Artificial intelligence (AI) technologies have made the futuristic idea of self-driving cars a reality. Today, automotive industry leaders including BMW, Volvo, and Tesla leverage AI capabilities to improve manufacturing, increase supply chain efficiency, and make our driving experience safer, more comfortable, and more entertaining.
In this article, we discuss uses of AI and machine learning for the automotive industry. We go over some of the key tools you can use for building AI-powered automotive solutions and discuss the main challenges to expect along the way. We also overview interesting examples of automotive machine learning projects and the technologies used in them.
Car manufacturers are constantly looking for ways to speed up design, production, and manufacturing processes while improving vehicle quality. Customers want to see vehicles that offer pleasant, comfortable, and productive experiences rather than simply getting them from point A to point B.
Artificial intelligence (AI) may be the answer. AI technologies have enormous potential when applied both in production and manufacturing processes as well as within vehicles to power in-car functionality.
Gartner predicts that the total number of new vehicles equipped with autonomy-enabling hardware will rise from 137,129 units in 2018 up to 745,705 units by 2023. The size of the global market of autonomous vehicles is expected to reach as high as $37 billion.
Let’s see where exactly we can leverage the capabilities of AI and machine learning in the automotive industry:
1. Design and manufacturing
AI-powered solutions and ML algorithms help vehicle manufacturers improve production processes, speed up data classification during risk assessments and vehicle damage evaluations, and do many other things. AI systems and robotics solutions relying on such technologies as computer vision, natural language processing, and conversational interfaces are widely applied in vehicle manufacturing.
For example, Nvidia’s Quadro RTX graphics card [PDF] uses AI to significantly accelerate design workflows. Rethink Robotics makes collaborative robots for performing tedious tasks like handling heavy materials and inspecting produced parts.
2. Supply chain
It’s vital for vehicle manufacturers to be able to monitor every stage of a component’s journey and know exactly when to expect its arrival at the destination plant. That’s why modern supply chains often rely on cutting-edge IoT, blockchain, and AI technologies.
In particular, vehicle manufacturers can turn to solutions relying on different machine learning algorithms and AI-powered predictive analytics. With their help, manufacturers can estimate demand for components and predict possible changes in demand in a timely manner.
For example, Blue Yonder leverages AI technologies to increase inventory movement visibility and enable manufacturers to predict possible delivery disruptions.
3. Quality control
AI can enable timely detection of various technical issues.
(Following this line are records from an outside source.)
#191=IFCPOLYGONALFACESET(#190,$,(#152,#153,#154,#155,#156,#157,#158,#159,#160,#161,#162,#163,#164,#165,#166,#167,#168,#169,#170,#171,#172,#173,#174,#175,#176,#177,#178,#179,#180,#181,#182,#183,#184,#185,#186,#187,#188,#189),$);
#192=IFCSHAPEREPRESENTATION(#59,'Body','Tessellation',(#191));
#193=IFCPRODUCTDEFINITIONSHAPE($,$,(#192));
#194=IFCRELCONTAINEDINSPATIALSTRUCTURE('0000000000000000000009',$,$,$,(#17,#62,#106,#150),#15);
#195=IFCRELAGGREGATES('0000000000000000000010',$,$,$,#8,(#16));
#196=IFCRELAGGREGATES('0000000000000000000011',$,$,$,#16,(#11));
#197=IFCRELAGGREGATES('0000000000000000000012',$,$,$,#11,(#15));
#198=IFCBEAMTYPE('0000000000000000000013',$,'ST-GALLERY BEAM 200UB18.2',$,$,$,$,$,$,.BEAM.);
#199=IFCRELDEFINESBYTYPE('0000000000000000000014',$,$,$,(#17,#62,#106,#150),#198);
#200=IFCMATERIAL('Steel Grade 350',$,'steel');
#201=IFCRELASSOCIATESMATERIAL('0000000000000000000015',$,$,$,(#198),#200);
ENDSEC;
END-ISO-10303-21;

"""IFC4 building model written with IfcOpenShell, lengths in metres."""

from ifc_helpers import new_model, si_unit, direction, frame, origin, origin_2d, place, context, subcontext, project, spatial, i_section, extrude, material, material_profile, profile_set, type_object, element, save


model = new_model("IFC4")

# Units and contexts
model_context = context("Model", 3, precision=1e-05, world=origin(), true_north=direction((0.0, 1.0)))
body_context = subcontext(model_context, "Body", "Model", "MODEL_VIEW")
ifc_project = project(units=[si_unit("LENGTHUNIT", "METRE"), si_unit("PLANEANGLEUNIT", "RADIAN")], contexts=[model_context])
Based on data gathered by in-vehicle sensors, an AI system can inform a user that a certain component or system requires maintenance or needs to be replaced as early as the need arises. Manufacturers also use AI-powered quality control systems to detect possible flaws in parts before they get installed.
In-car quality control systems mostly rely on data processing and analysis methods, while solutions used in manufacturing leverage image recognition and sound processing AI solutions.
BMW uses AI-powered solutions for predictive maintenance of welding tongs and paintwork quality analysis, among other tasks. And Predii’s AI-based platform prescribes vehicle repairs based on analysis of sensor data.
4. Passenger experience
To make sure all passengers are safe and satisfied, manufacturers enhance their vehicles with all kinds of AI-powered applications meant to upgrade the passenger experience.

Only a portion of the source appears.